Discussions
Is it possible to switch from ElevenLabs to OpenAI TTS in Interactive Avatar sessions?
5 months ago by Junya Ishihara
Hi HeyGen team and community,
I'm currently using the HeyGen Interactive Avatar SDK (@heygen/streaming-avatar v2.0.13) and would like to use OpenAI's TTS model (specifically gpt-4o-mini-tts) instead of ElevenLabs for text-to-speech synthesis.
Current Setup:
- Using the Next.js demo from the official repository
- Currently configured with ElevenLabs Model (eleven_flash_v2_5)

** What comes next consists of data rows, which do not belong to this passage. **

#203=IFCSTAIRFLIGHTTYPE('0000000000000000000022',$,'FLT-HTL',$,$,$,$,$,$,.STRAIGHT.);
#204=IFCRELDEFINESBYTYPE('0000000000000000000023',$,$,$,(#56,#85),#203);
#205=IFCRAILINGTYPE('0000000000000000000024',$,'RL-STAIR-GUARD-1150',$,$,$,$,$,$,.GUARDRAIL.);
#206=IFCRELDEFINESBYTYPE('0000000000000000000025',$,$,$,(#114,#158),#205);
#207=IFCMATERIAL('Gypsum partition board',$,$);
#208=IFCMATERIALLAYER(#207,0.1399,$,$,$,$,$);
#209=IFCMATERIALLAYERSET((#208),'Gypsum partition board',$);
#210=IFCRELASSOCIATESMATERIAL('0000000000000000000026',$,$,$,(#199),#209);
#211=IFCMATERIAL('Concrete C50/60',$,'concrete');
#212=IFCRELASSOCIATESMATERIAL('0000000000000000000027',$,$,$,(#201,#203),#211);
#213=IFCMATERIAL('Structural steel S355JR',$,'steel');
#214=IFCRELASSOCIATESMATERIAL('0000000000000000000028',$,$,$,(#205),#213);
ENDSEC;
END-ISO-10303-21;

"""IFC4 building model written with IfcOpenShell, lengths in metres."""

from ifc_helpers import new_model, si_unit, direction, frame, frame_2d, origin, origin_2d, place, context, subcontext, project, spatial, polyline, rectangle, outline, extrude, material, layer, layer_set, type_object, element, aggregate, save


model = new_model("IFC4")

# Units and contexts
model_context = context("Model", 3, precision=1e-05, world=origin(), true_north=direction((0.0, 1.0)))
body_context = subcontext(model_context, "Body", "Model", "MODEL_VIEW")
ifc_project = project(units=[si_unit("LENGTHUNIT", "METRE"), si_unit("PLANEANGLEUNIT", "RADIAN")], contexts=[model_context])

- Configuration in StartAvatarRequest:
voice: { rate: 1.5, emotion: VoiceEmotion.EXCITED, model: ElevenLabsModel.eleven_flash_v2_5, }
What I've Tried:
- Reviewed the SDK TypeScript definitions - only ElevenLabsModel enum is available
- Checked the v2/voices API endpoint - no provider information is exposed in the response
- Searched documentation for OpenAI TTS integration (found info about OpenAI Assistant
API integration, but not TTS provider switching)
Questions:
- Is it possible to specify OpenAI as the TTS provider when starting an Interactive
Avatar session? - Are there any limitations or considerations when using OpenAI TTS compared to ElevenLabs?
Any guidance would be greatly appreciated! Thanks in advance.